Head mounted device 100 includes a controller 130 that is configured to provide control signals and receive image data 133, in accordance with aspects of the disclosure. Controller 130 may be coupled to light source 114 through a communication channel 131. Controller 130 may provide control signals/instructions to light source 114 that synchronizes the operation of light source 114 with the operation of sensor 117. Controller 130 may provide control signals/instructions to light source 114 to define or modify the emission wavelength of light source 114. Controller 130 may be coupled to sensor 117 through a communication channel 132. Controller 130 may receive image data 133 of fringe pattern 116 from sensor 117. Controller 130 may be configured to generate a depth map of eye 126 based on image data 133. Controller may include one or more processors, a field-programmable gate array (FPGA) chip, and one or more memories. Controller 130 may be coupled to or embedded in frame 102 or in one or more arms 104A and 104B.
Fringe projector 119 may be used to perform depth sensing of objects other than an eye. In implementations, fringe projector 119 may be used to project fringe pattern 116 on an eye, a hand, or a face for depth sensing and/or imaging purposes.
As shown in
Fringe projector 404 includes a light source 408, a waveguide structure 410, and outcoupling elements 412A and 412B, according to an embodiment. Light source 408 may be a tunable laser with an emission wavelength that may be varied or chirped. A portion of the channel of waveguide structure 410 may be curved to at least partially interleave outcoupling elements 412A and 412B of fringe projector 404 with the outcoupling elements of fringe projector 406.
Fringe projector 406 includes a light source 414, a waveguide structure 416, and outcoupling elements 418A and 418B, according to an embodiment. Light source 414 may be a tunable laser with an emission wavelength that may be varied or chirped, which may cause the fringe pattern generated by fringe projector 406 to shift on an eye. A first segment (or channel) of waveguide structure 416 may be longer than a second segment (or channel) to insert an optical delay to shift the phase of the light beam output from outcoupling element 418A, with respect to the phase of the light beam output from outcoupling element 418B. Changing the frequency or wavelength of light source 414 may cause the output light beams to constructively and destructively interfere at different locations—causing the dark and light interference patterns of the generated fringe pattern to shift (e.g., left and right).
Controller 130 may be coupled to light source 408, light source 414, and sensor 117. Controller 130 may be communicatively coupled to light source 408 through a communication channel 420 to send control signals to turn light source 408 on and off and to set or adjust the operating wavelength or frequency of light source 408. Controller 130 may be communicatively coupled to light source 414 through a communication channel 422 to send control signals to turn light source 414 on and off and to set or adjust the operating wavelength or frequency of light source 414.
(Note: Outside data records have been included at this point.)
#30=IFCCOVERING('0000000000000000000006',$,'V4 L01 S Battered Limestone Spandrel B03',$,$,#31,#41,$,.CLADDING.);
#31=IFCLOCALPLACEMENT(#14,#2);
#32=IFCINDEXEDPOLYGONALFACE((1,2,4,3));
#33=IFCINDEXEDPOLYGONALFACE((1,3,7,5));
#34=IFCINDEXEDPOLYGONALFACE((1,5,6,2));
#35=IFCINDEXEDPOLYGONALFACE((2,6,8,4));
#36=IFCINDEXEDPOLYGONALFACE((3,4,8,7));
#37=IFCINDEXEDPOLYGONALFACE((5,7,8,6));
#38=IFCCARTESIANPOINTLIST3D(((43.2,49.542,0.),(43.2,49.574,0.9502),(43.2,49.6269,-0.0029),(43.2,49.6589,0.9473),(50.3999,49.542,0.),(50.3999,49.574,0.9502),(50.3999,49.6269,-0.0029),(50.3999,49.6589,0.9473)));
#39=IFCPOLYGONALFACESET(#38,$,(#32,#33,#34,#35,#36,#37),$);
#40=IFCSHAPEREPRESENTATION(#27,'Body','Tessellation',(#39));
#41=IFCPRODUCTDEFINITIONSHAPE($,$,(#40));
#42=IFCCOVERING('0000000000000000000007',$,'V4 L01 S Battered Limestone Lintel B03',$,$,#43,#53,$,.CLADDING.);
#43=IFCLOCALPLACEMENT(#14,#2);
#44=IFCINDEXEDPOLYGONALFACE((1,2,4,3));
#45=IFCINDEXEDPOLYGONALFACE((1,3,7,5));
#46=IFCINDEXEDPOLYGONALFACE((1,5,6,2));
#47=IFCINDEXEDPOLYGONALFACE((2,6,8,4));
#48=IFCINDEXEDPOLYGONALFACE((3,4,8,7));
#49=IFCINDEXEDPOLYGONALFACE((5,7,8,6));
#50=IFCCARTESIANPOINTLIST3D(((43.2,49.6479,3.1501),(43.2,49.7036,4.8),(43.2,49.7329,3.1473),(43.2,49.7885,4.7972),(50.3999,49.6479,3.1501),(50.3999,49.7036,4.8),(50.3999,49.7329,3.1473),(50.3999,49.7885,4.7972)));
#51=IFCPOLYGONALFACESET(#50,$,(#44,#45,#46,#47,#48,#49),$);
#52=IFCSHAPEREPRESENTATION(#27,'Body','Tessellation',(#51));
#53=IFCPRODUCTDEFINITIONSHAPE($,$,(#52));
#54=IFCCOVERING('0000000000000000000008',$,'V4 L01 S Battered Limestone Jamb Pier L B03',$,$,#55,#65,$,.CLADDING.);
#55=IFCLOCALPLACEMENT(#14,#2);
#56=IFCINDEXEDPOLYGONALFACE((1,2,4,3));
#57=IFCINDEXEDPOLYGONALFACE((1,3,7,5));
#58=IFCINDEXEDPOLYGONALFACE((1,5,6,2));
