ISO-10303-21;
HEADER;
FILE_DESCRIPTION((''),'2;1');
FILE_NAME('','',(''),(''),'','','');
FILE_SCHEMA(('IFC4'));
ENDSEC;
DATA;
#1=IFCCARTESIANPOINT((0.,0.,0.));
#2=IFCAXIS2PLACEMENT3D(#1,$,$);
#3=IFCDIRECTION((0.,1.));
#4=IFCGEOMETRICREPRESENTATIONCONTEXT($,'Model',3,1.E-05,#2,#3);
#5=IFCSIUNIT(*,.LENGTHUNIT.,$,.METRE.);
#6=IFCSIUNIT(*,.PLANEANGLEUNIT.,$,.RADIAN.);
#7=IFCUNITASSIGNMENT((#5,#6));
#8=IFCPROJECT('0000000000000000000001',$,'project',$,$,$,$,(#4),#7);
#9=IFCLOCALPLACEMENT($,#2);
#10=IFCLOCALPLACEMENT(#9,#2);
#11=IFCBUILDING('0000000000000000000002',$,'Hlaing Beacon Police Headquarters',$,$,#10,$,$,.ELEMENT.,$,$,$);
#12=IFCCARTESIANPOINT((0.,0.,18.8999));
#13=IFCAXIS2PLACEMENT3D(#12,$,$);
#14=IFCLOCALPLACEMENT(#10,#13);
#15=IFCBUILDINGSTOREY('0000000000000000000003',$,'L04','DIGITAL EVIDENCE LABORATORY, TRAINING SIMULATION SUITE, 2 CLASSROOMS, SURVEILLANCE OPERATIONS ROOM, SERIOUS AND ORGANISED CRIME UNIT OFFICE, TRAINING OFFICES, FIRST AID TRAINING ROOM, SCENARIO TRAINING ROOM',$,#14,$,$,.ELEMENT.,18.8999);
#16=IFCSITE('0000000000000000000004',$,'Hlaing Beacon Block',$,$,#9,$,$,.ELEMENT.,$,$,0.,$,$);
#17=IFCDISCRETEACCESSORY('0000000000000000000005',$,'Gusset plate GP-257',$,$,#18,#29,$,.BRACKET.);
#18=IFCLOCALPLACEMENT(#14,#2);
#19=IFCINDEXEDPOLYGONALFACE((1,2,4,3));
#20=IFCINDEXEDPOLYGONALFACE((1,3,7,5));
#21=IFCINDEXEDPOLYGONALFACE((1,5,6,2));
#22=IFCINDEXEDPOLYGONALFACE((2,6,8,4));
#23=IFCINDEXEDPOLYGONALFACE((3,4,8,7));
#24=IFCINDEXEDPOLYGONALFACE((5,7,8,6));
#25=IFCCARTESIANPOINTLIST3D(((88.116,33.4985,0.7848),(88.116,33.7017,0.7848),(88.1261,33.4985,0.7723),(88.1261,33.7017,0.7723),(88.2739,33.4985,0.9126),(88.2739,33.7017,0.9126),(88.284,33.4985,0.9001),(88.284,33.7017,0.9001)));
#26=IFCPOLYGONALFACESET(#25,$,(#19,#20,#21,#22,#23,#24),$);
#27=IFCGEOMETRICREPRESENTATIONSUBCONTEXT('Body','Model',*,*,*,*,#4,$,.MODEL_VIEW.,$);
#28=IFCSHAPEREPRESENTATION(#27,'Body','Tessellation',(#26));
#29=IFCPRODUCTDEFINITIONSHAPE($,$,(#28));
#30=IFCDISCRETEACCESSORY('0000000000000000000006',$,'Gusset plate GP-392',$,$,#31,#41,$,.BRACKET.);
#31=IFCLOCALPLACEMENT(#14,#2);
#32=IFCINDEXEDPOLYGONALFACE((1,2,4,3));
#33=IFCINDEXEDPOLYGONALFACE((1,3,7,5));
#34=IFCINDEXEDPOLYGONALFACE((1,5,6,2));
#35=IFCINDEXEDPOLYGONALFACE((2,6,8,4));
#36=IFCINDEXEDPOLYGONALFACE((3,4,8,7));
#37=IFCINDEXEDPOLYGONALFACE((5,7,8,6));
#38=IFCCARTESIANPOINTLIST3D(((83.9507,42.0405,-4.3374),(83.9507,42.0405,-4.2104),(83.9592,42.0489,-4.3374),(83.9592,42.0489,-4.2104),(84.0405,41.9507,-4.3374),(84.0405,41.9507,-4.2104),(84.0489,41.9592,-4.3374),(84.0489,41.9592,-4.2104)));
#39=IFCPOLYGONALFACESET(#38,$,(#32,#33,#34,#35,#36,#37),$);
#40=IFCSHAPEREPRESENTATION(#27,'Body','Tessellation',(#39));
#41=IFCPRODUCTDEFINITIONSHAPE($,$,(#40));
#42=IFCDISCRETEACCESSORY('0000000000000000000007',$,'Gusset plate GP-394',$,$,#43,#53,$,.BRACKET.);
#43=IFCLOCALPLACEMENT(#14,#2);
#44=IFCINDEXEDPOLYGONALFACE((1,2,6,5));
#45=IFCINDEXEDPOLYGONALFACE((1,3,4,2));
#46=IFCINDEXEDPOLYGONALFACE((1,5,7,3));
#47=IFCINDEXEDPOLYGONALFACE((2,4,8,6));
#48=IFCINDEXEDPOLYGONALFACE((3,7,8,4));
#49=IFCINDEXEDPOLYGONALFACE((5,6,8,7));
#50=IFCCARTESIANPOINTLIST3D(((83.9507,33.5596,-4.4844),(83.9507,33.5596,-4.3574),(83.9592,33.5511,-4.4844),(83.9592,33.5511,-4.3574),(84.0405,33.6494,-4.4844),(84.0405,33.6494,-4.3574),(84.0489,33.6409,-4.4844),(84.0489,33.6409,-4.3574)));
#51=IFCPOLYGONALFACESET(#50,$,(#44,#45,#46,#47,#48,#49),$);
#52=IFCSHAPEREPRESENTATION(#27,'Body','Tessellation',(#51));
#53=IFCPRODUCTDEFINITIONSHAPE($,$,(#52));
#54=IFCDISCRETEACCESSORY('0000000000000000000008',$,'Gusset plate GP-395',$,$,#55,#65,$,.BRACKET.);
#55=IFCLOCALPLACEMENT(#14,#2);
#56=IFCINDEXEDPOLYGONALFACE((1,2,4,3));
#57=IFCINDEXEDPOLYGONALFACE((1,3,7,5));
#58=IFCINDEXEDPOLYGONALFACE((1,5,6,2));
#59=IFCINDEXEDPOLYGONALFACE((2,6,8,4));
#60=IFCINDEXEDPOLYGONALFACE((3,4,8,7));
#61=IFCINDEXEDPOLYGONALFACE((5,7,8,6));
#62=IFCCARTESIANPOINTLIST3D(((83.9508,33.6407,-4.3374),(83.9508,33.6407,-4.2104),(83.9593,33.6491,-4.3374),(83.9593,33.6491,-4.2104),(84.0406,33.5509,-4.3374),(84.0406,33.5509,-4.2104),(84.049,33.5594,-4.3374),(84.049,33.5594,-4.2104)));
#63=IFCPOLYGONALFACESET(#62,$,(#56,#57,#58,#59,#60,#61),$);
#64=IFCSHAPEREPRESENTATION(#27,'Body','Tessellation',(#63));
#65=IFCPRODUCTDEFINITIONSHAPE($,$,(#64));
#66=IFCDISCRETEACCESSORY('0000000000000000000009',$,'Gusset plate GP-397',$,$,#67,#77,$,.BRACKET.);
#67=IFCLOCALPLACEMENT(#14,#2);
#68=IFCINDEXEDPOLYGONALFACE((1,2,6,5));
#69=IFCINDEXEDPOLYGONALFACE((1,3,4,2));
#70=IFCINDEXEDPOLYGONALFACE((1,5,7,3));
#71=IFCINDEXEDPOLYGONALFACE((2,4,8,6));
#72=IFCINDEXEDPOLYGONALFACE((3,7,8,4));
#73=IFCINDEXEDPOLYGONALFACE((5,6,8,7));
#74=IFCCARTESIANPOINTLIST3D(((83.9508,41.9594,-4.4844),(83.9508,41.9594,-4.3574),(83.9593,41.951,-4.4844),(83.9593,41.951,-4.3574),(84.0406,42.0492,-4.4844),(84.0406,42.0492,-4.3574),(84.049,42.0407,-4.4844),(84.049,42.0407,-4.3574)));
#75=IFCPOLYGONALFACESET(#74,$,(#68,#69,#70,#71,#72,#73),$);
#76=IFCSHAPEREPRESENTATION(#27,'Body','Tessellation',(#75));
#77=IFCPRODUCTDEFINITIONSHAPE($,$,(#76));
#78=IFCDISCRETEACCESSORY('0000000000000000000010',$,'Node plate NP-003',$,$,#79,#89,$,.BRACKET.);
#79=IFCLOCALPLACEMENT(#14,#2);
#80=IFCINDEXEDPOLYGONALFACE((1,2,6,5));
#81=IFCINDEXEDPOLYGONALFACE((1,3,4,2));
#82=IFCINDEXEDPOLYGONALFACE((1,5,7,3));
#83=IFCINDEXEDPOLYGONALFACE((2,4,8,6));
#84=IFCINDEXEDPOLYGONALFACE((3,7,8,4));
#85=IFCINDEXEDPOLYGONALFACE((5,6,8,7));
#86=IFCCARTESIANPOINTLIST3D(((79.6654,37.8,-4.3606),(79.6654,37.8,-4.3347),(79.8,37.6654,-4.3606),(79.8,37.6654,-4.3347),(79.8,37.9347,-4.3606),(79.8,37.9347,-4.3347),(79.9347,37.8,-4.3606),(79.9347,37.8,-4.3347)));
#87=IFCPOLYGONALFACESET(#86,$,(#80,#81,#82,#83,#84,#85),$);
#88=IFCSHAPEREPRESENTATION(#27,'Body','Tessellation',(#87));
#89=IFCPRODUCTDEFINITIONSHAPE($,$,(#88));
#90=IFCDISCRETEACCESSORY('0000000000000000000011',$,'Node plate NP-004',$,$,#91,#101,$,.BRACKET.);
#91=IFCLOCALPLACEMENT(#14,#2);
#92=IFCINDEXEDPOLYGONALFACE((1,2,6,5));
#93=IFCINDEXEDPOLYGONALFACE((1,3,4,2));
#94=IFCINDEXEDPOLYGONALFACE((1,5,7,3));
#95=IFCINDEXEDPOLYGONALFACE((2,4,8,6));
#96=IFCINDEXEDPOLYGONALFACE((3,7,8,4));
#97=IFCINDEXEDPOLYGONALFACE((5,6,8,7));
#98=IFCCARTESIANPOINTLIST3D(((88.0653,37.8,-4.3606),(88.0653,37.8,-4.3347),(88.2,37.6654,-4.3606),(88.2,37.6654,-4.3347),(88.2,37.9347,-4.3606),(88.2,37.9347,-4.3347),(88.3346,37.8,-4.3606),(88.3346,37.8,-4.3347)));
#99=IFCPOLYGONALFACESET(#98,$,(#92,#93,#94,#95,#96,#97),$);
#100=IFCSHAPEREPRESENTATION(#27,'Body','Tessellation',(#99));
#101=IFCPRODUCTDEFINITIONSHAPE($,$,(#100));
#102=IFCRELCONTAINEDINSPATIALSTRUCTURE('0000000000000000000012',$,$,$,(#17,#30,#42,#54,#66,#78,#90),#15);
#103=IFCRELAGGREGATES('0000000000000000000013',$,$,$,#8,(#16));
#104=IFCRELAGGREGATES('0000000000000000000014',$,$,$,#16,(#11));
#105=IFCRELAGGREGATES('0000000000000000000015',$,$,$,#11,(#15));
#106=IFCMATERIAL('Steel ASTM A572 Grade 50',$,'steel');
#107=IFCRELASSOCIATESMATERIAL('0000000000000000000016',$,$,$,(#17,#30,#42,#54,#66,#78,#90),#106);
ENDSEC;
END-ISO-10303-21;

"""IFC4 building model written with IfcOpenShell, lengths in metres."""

from ifc_helpers import new_model, si_unit, direction, frame, origin, origin_2d, place, context, subcontext, project, spatial, rectangle, extrude, material, element, save


model = new_model("IFC4")

# Units and contexts
model_context = context("Model", 3, precision=1e-05, world=origin(), true_north=direction((0.0, 1.0)))
body_context = subcontext(model_context, "Body", "Model", "MODEL_VIEW")
ifc_project = project(units=[si_unit("LENGTHUNIT", "METRE"), si_unit("PLANEANGLEUNIT", "RADIAN")], contexts=[model_context])

# Site, building, storey
site_placement = place(None, origin())
site = spatial("IfcSite", under=ifc_project, at=site_placement, Name="Hlaing Beacon Block", CompositionType="ELEMENT", RefElevation=0.0)
building_placement = place(site_placement, origin())
building = spatial("IfcBuilding", under=site, at=building_placement, Name="Hlaing Beacon Police Headquarters", CompositionType="ELEMENT")
storey_placement = place(building_placement, frame((0.0, 0.0, 18.8999)))
storey = spatial("IfcBuildingStorey", under=building, at=storey_placement, Name="L04", Description="DIGITAL EVIDENCE LABORATORY, TRAINING SIMULATION SUITE, 2 CLASSROOMS, SURVEILLANCE OPERATIONS ROOM, SERIOUS AND ORGANISED CRIME UNIT OFFICE, TRAINING OFFICES, FIRST AID TRAINING ROOM, SCENARIO TRAINING ROOM", CompositionType="ELEMENT", Elevation=18.8999)

# Discrete accessories
ifc_material_1 = material(Name="Steel ASTM A572 Grade 50", Category="steel")
for number, where, z_axis, x_axis, name in (
    (1, (88.2051, 33.6001, 0.8362), (-0.629087, 0.0, 0.777335), (0.0, -1.0, 0.0), "Gusset plate GP-257"),
):
    element("IfcDiscreteAccessory", number, at=place(storey_placement, frame(where, z_axis=z_axis, x_axis=x_axis)), inside=storey, material=ifc_material_1, Name=name, PredefinedType="BRACKET", context=body_context, shape_type="SweptSolid", body=[
        extrude(rectangle(XDim=0.2031, YDim=0.2031, at=origin_2d()), origin(), (0.0, 0.0, 1.0), 0.0161),
    ])
for number, where, z_axis, x_axis, name in (
    (2, (83.9956, 41.9956, -4.2739), (0.707107, 0.707107, 0.0), (-0.707107, 0.707107, 0.0), "Gusset plate GP-392"),
    (3, (83.9956, 33.6045, -4.4209), (0.707107, -0.707107, 0.0), (0.707107, 0.707107, 0.0), "Gusset plate GP-394"),
    (4, (84.0042, 33.6042, -4.2739), (-0.707107, -0.707107, 0.0), (0.707107, -0.707107, 0.0), "Gusset plate GP-395"),
    (5, (84.0042, 41.9958, -4.4209), (-0.707107, 0.707107, 0.0), (-0.707107, -0.707107, 0.0), "Gusset plate GP-397"),
):
    element("IfcDiscreteAccessory", number, at=place(storey_placement, frame(where, z_axis=z_axis, x_axis=x_axis)), inside=storey, material=ifc_material_1, Name=name, PredefinedType="BRACKET", context=body_context, shape_type="SweptSolid", body=[
        extrude(rectangle(XDim=0.127, YDim=0.127, at=origin_2d()), origin(), (0.0, 0.0, 1.0), 0.012),
    ])
for number, where, z_axis, x_axis, name in (
    (6, (79.8, 37.8, -4.3606), (0.0, 0.0, 1.0), (0.707107, 0.707107, 0.0), "Node plate NP-003"),
    (7, (88.2, 37.8, -4.3606), (0.0, 0.0, 1.0), (0.707107, 0.707107, 0.0), "Node plate NP-004"),
):
    element("IfcDiscreteAccessory", number, at=place(storey_placement, frame(where, z_axis=z_axis, x_axis=x_axis)), inside=storey, material=ifc_material_1, Name=name, PredefinedType="BRACKET", context=body_context, shape_type="SweptSolid", body=[
        extrude(rectangle(XDim=0.1904, YDim=0.1904, at=origin_2d()), origin(), (0.0, 0.0, 1.0), 0.0259),
    ])

save(model, "model.ifc")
Fringe projector 504 includes a light source 508, a waveguide structure 510, and outcoupling elements 512A and 512B, according to an embodiment. Light source 508 may be a laser configured to emit light at a first wavelength (e.g., 850 nm) to cause the outcoupling elements 512A and 512B to generate a first fringe pattern at the first wavelength.
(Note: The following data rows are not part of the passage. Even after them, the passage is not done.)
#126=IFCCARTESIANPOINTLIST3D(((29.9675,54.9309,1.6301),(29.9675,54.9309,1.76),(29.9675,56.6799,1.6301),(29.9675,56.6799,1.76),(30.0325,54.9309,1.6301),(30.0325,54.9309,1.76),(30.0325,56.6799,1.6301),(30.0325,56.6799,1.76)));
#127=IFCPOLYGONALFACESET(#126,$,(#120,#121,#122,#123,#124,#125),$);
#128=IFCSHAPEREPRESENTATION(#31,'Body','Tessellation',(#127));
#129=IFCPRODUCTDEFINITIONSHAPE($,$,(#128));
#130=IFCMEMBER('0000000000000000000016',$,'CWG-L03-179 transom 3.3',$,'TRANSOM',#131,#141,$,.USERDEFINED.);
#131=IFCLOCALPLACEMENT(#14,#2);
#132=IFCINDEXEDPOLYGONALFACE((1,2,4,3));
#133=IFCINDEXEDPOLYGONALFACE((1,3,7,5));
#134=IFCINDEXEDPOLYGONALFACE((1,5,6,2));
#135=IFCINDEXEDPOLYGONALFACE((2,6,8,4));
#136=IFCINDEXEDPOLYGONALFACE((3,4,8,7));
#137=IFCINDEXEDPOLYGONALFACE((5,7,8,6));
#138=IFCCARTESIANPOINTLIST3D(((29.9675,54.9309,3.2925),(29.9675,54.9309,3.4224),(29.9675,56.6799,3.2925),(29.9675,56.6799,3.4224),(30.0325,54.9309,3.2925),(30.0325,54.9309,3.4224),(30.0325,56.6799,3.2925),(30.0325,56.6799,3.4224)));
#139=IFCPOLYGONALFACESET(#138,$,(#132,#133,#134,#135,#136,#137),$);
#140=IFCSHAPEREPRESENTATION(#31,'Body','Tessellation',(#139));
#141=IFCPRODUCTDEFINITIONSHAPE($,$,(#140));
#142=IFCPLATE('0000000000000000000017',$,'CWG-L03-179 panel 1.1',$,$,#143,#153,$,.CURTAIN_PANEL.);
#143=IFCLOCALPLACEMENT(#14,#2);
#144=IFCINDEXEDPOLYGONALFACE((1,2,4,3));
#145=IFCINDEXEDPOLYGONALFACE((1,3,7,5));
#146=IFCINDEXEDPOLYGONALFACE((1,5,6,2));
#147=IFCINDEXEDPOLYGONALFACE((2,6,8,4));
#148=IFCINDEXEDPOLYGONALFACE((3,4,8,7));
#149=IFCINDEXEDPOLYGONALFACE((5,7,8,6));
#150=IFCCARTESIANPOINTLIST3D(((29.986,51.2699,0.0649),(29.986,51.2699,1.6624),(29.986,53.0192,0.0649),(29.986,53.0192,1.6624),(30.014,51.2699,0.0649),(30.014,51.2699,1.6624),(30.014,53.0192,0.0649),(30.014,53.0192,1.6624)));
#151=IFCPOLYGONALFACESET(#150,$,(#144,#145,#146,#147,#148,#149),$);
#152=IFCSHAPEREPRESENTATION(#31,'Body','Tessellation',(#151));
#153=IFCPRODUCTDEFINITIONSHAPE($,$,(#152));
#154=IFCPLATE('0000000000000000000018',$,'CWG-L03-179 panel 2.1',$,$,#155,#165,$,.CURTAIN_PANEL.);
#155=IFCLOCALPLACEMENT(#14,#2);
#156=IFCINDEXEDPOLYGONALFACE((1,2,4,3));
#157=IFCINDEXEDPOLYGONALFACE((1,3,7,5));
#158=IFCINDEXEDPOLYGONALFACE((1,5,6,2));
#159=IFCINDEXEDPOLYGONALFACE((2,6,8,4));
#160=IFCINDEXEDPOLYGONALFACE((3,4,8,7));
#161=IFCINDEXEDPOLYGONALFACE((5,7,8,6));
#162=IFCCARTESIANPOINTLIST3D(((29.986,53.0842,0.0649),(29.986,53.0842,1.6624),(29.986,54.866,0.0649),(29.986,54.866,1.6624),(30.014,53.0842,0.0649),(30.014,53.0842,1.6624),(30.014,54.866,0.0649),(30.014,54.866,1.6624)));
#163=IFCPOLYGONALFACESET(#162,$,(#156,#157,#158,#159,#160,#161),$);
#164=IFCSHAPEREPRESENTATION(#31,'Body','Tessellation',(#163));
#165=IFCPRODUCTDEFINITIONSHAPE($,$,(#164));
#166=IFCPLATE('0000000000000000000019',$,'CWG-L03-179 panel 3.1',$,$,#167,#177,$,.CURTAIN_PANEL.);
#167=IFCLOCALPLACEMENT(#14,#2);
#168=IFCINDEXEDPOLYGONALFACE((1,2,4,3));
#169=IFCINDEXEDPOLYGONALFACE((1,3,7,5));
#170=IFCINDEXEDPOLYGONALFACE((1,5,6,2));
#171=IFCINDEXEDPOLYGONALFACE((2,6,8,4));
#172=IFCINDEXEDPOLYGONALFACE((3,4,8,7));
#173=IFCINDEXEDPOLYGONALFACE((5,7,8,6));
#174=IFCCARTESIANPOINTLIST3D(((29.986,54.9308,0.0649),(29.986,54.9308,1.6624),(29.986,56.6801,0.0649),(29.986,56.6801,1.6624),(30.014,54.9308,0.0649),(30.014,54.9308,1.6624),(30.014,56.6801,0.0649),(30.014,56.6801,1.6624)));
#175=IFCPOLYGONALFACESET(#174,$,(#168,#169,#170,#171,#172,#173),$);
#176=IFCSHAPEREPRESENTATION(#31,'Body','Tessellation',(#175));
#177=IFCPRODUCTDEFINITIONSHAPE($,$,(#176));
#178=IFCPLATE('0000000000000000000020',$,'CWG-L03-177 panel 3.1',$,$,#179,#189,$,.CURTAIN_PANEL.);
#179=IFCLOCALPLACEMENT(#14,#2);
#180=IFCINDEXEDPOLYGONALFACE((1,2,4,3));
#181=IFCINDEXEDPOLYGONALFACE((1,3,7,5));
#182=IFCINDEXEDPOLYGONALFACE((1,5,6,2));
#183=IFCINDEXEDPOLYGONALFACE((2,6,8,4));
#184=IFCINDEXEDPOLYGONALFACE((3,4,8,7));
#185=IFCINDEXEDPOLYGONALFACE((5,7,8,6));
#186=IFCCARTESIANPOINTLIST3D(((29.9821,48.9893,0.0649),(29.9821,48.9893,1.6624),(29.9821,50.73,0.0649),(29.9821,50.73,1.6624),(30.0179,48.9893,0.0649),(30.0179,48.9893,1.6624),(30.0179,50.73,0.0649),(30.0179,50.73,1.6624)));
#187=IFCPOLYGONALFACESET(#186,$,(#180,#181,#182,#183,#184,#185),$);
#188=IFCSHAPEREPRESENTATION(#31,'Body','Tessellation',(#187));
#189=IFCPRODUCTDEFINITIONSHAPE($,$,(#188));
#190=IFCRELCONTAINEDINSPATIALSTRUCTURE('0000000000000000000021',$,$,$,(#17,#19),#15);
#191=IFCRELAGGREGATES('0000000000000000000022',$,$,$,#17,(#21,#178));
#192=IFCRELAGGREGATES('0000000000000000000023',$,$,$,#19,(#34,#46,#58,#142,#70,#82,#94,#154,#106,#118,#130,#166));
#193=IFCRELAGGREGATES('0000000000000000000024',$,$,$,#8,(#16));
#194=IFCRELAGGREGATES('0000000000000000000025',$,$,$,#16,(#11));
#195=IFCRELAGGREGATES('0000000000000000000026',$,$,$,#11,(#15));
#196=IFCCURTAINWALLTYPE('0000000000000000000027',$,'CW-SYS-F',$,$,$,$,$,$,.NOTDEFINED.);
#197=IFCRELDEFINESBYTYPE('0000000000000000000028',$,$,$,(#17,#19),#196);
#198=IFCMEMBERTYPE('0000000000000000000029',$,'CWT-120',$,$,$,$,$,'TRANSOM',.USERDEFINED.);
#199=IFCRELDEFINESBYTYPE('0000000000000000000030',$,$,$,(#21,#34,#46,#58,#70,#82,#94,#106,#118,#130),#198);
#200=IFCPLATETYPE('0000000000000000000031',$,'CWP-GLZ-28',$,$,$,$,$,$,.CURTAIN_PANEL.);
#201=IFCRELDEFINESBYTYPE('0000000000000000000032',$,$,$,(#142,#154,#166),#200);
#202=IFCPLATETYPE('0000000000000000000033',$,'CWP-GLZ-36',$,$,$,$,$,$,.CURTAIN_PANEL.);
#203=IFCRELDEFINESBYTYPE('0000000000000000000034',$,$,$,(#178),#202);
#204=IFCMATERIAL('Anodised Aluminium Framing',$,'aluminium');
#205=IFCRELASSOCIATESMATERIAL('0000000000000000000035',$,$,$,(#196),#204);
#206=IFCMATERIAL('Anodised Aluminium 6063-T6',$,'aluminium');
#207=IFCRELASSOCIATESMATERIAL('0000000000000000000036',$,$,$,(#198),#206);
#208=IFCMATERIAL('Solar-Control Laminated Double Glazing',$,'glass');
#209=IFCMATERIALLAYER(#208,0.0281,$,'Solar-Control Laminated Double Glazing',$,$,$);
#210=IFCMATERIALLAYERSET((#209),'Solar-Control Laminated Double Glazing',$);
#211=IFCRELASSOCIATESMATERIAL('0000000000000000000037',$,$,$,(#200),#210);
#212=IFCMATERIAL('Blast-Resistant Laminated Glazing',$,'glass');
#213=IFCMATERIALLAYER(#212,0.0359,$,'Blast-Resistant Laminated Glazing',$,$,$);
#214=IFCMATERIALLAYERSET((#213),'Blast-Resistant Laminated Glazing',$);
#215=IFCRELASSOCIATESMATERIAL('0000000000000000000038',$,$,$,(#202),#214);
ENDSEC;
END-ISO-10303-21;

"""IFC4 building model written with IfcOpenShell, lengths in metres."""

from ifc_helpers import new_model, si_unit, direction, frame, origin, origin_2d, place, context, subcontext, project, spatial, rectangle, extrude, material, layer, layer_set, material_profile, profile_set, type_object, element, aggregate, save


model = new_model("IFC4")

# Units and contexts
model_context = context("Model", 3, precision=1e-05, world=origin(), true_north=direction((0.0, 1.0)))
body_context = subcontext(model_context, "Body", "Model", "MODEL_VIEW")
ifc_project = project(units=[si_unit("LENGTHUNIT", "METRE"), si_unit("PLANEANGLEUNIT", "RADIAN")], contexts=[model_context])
Fringe projector 506 includes a light source 514, a waveguide structure 516, and outcoupling elements 518A and 518B, according to an embodiment. Light source 514 may be a laser configured to emit light at a second wavelength (e.g., 940 nm) to cause the outcoupling elements 518A and 518B to generate a second fringe pattern at the second wavelength. The spacing of the outcoupling elements 518A and 518B may be different than the spacing of outcoupling elements 512A and 512B. For example, outcoupling elements 512A and 512B may be spaced 25 μm apart and outcoupling elements 518A and 518B may be spaced 40 μm apart. In one implementation, the spacing between the different outcoupling elements is the same.
Fringe projectors 504 and 506 may have a variety of configurations. For example, the fringe projectors are illustrated as being perpendicular to each other. However, the general angle between the fringe projectors may be greater than or less than 90°. Additionally, more than two fringe projectors may be used to generate fringe patterns with more than two wavelengths. For example, optical element 502 may be coupled to four different fringe projectors and each of the four fringe projectors may be configured to generate a fringe projector at a different wavelength (e.g., 850 nm, 890 nm, 940 nm, 990 nm). Additionally, the features of one or more of any other fringe projector disclosed herein may be combined with fringe projector 504 or 506 to generate fringe patterns at different wavelengths, chirped fringe patterns, and/or fringe patterns generated by selectively using an optical delay in one channel.
Controller 130 may be coupled to light source 508, light source 514, and sensor 524. Controller 130 may be communicatively coupled to light source 508 through a communication channel 520 to send control signals to turn light source 508 on and off and to set or adjust the operating wavelength or frequency of light source 508. Controller 130 may be communicatively coupled to light source 514 through a communication channel 522 to send control signals to turn light source 514 on and off and to set or adjust the operating wavelength or frequency of light source 514. Sensor 524 may include a color filter array (CFA) that passes a first wavelength of light for some of the pixels (e.g., half of the pixels), and that passes a second wavelength of light for others of the pixels. The CFA may have a checkerboard pattern of filters for the first and second wavelengths. Controller 130 may be coupled to sensor 524 through a communication channel 526 to receive image data 133. Controller 130 is configured to use image data 133 to determine a depth map (e.g., a 3D depth map) of the eye of a user, according to an embodiment. Controller 130 may operate light sources 508 and 514 at the same time (concurrently) or sequentially (one after the other, repeatedly). In one implementation, two sensors are used, where a first sensor images light of a first wavelength (e.g., 850 nm) and a second sensor images light of a second wavelength (e.g., 940 nm).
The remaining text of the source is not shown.